Special Economic Zones (SEZs) are areas developed by the government for high-value economic activities with international competitiveness.
Areas designated as SEZs offer various facilities to ease the burden on investors and businesses, including fiscal incentives such as certain tax exemptions, and non-fiscal facilities such as streamlined business and immigration permits, among others.
According to a report by the National KEK Council, in 2023 Indonesia had 20 SEZs that successfully attracted a total investment of Rp66 trillion.
The largest investment in 2023 went to the Gresik SEZ, amounting to Rp33.4 trillion or 50.6% of the total realization.
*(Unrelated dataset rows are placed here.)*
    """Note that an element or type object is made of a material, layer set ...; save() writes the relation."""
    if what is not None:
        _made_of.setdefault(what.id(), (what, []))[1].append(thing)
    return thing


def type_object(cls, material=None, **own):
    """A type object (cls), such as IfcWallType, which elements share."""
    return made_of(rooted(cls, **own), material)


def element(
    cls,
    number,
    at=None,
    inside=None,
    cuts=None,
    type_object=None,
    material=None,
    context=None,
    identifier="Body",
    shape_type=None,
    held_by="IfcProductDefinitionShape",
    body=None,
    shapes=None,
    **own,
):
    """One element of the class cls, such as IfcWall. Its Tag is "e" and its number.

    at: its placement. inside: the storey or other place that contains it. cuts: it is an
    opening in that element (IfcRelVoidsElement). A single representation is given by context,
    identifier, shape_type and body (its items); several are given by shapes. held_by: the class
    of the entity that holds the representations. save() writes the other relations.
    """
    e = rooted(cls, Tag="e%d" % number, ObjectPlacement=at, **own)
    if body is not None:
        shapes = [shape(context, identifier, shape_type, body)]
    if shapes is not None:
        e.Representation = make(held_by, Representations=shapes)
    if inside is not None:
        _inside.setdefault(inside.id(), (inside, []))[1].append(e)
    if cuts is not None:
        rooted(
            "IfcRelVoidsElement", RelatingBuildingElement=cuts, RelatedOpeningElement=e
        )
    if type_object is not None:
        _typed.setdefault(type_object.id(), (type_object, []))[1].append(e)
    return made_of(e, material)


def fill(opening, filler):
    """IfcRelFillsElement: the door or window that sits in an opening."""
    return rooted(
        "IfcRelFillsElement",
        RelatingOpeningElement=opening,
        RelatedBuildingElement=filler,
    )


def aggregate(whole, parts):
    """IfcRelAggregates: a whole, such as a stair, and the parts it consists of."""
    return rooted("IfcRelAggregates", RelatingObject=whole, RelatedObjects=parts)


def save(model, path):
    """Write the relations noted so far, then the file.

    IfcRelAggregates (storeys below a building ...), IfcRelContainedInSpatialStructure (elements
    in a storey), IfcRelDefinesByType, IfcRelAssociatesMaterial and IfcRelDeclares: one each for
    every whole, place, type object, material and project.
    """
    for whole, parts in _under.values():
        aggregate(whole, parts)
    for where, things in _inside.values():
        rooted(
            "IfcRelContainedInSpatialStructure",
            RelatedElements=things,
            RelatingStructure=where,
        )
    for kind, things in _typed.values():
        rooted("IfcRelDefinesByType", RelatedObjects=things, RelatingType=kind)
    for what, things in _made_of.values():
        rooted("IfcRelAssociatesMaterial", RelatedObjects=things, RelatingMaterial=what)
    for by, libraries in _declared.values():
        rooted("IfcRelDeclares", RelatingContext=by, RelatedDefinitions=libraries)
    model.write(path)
Following Gresik are the Kendal, Sei Mangkei, Lido, Sanur, Galang Batang, Singhasari, Palu, Mandalika, and Kura Kura Bali SEZs, with investment values as shown in the graph.
The following details the industries developed in these 10 SEZs:
1. Gresik SEZ (East Java): Metal, electronics, chemical, and energy industries.
2. Kendal SEZ (Central Java): Textile, fashion, furniture, food and beverage, automotive, and electronics industries.
3. Sei Mangkei SEZ (North Sumatra): Palm oil processing, rubber, tourism, and logistics industries.
4. Lido SEZ (West Java): Tourism and creative industries.
5. Sanur SEZ (Bali): Healthcare and tourism industries.
6. Galang Batang SEZ (Riau Islands): Bauxite processing and logistics industries.
7. Singhasari SEZ (East Java): Tourism and technology industries.
8. Palu SEZ (Central Sulawesi): Base metal and logistics industries.
9. Mandalika SEZ (West Nusa Tenggara): Tourism industry.
10. Kura Kura Bali SEZ (Bali): Tourism and creative industries.
This year, the government is preparing the establishment of 4 new SEZs with a total investment value of Rp161 trillion.
“[The new SEZs] have been approved, but to be officially designated as SEZs, we need a Government Regulation to be signed by the President,” said the Acting Secretary General of the National KEK Council, Rizal Edwin, as reported by Antara on Monday (July 22, 2024).